Windows raster font (.FON) Windows FNT/FON driver was added in 2.0 Beta 8. Windows FNT specific API was added in 2.1.4-rc1. Support of Windows raster font files in PE executable format was added in 2.3.5.
WOFF Support of WOFF font format was added in 2.5.1.

Loader
A TrueType name table loader which supports 'buggy' Asian fonts was added in 2.1.1, which ignores empty name entries, invalid pointer offsets and a few other incorrect subtleties. In addition, name strings are now loaded on demand, which reduces the memory load of many faces. Support of managing UCS-4 character codes in the CMap cache was added in 2.1.4-rc2. In 2.1.8, support of deinstallation of faces, and deleting all 'idle' nodes that correspond to a given FTC_FaceID was added. In the Type 1 loader, top-level dictionaries were properly skipped starting from 2.3.0 An ability to use fractional pixel sizes in the cache was added in 2.3.5. >An ability to extract advance values of glyphs without loading their outlines was added in 2.3.8. Incremental font loading is enabled by default in 2.3.12.

Platforms
AIX An automatic build on AIX systems was added in 2.0.4.
Amiga / MorphOS Support for Amiga was added in 2.0.5.
Atari Support for building FreeType on the 16-bit Atari using the PureC compiler was added in 2.1.8.
BeOS BeOS-specific files were added in 2.0.3.
EPOC Support for EPOC was re-added in 2.0.2.
Symbian Support for Symbian was added in 2.3.6.
Windows Support for building the PFR driver with Visual C++ was added in 2.1.2.

Licensing
 In 2.1.0, FreeType License was updated to include a proposed preferred disclaimer.
 ftvalid sources, used by ftlayout code, were relicensed to 'Old-Style' MIT licence in 2008-01-03.

History
Work on the FreeType rendering engine was started in 1995 by David Turner with the intent to provide TrueType font support for the OS/2 operating system, including an interpreter for handling TrueType bytecode. Originally written in the Pascal programming language it was ported in 1997 by Robert Wilhelm to C. Later, Werner Lemberg joined the team and he is still a maintainer of Freetype.

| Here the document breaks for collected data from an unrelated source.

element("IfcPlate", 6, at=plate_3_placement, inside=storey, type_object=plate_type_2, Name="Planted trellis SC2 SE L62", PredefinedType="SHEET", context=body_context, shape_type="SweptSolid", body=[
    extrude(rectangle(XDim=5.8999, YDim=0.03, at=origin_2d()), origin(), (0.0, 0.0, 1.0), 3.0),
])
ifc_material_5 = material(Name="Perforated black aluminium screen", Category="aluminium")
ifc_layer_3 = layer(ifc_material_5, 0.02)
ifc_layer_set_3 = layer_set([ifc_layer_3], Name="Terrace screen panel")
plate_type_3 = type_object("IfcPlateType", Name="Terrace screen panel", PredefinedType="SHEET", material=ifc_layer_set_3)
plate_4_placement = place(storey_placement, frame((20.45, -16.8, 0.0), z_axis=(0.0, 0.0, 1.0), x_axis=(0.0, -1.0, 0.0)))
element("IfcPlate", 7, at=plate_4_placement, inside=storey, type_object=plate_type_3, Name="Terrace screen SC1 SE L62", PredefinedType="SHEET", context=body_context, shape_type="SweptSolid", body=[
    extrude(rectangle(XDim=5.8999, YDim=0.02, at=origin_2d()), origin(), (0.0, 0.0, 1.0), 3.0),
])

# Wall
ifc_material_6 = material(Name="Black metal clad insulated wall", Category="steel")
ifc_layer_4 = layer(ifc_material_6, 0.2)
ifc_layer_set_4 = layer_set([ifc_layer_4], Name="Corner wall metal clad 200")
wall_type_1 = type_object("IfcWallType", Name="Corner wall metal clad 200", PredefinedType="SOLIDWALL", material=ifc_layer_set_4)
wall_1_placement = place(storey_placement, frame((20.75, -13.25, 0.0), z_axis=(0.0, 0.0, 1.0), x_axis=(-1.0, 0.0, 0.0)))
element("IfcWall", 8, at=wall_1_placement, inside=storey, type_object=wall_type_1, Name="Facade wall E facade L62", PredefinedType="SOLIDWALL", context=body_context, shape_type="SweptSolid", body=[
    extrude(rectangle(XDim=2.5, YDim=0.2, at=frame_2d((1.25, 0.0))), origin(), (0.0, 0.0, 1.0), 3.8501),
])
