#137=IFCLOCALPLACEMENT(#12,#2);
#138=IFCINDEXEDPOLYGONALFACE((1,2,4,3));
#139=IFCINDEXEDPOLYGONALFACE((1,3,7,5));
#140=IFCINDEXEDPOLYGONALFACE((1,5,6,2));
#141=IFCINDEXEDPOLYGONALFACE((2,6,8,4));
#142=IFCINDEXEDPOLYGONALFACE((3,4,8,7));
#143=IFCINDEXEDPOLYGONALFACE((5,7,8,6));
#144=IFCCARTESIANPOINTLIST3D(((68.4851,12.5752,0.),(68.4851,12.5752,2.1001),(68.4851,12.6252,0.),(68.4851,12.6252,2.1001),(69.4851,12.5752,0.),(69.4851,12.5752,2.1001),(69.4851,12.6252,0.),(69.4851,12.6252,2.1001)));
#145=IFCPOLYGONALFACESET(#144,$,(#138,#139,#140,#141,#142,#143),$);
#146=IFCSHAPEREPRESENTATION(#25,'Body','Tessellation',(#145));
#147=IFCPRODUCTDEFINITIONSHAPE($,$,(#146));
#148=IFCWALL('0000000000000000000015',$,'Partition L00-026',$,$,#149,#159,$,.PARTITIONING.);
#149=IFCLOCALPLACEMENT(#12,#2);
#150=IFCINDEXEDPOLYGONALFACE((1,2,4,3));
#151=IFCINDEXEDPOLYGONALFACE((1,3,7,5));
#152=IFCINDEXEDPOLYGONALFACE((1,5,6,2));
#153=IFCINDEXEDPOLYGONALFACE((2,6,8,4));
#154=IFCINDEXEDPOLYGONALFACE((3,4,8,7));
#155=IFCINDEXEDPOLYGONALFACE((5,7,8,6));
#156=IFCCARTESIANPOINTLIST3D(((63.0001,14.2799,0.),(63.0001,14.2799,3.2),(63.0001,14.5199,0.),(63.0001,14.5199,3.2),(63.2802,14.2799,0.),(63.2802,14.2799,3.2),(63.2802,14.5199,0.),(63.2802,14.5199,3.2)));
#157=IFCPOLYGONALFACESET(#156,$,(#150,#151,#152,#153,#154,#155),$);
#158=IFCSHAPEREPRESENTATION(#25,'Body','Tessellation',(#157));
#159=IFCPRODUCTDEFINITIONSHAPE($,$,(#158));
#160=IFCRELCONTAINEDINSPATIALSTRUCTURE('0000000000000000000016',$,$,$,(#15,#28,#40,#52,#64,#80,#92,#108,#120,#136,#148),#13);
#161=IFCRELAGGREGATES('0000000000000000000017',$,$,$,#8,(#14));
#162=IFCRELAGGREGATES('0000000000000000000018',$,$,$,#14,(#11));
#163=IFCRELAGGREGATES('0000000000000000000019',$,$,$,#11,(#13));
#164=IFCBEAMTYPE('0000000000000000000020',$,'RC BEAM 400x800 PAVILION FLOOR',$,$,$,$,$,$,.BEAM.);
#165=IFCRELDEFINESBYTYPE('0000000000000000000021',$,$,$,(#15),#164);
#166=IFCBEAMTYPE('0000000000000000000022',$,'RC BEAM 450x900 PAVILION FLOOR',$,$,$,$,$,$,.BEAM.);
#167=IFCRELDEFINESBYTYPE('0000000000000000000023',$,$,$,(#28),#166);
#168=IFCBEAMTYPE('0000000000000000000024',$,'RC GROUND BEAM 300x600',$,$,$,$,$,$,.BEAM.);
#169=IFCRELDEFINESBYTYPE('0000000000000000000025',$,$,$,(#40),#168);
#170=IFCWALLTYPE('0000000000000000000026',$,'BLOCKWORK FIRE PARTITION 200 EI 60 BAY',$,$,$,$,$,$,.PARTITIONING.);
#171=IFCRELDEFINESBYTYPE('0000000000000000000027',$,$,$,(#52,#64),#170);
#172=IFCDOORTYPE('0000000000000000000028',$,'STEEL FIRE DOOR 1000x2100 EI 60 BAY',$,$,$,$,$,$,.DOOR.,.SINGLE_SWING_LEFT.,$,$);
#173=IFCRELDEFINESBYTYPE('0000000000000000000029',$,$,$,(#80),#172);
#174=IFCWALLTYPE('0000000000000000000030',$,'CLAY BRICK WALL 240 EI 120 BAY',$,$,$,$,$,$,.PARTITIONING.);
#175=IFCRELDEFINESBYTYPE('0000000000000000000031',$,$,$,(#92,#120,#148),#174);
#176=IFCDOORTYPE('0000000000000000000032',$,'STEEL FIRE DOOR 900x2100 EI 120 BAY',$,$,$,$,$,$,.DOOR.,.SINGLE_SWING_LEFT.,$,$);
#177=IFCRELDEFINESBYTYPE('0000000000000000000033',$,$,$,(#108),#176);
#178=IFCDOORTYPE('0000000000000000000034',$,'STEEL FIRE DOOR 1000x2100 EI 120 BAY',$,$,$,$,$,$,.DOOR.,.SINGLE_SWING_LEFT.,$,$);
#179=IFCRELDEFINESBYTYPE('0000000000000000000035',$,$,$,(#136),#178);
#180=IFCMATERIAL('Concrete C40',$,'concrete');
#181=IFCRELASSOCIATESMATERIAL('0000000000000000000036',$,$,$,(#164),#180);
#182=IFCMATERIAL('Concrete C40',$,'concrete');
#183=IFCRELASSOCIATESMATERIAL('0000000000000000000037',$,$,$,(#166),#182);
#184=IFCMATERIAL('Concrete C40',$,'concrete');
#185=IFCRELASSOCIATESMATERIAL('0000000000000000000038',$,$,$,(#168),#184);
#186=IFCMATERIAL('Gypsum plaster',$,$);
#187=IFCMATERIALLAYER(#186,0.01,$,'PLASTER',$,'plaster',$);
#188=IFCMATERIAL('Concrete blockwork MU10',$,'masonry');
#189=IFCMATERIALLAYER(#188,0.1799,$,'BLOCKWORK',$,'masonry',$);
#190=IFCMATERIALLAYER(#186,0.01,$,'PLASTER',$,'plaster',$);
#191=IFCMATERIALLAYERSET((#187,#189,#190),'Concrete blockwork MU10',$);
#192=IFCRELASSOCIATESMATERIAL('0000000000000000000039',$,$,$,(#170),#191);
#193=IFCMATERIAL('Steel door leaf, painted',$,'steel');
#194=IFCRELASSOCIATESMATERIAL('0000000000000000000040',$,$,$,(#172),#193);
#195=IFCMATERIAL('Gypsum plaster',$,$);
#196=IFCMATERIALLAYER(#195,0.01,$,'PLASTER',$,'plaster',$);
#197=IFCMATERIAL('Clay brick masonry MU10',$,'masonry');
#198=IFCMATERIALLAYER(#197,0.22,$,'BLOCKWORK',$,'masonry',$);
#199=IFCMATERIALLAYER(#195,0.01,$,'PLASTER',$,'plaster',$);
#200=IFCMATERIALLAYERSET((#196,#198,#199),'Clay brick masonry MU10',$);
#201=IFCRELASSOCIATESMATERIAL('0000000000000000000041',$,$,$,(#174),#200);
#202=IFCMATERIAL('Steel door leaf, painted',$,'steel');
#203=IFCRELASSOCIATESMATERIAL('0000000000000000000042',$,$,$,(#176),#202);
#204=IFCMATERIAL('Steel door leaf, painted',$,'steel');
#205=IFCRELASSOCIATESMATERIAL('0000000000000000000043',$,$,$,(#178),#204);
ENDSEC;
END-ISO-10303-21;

FreeType 1 had support only for the TrueType font format but it included an extension to support OpenType text layout features.

Major rewrite 2.0
Version 2.0 of FreeType was announced back in 1998, with development release made available in 1999, and a final release available in 2000, providing a complete rewrite to make it more modular. FreeType 2 brought support for more font formats and an evolved source code which the developers stated was "simpler and more powerful". FreeType 2 is not backward-compatible with FreeType 1 but the developers stated that moving from FreeType 1 to FreeType 2 poses little difficulty. As text layout processing was not an objective of FreeType 2, however, the OpenType text layout functionality of FreeType 1 was removed in FreeType 2. A very evolved form of the OpenType text layout functionality of FreeType 1 is used in the Pango text layout library. The HarfBuzz project is further evolving that functionality with a complete rewrite offered as a standalone library with a less restrictive license than Pango's license.

Patent conflicts
In 1999, the Freetype project was informed by Apple Incorporated that FreeType was infringing patents related to TrueType font hinting. Following that, Freetype deactivated by default or worked around patent relating technologies. Therefore, several open source projects, such as FreeBSD or Linux, had FreeType included with font hinting functionality disabled or degraded to avoid the issue of software patents held by Apple Inc.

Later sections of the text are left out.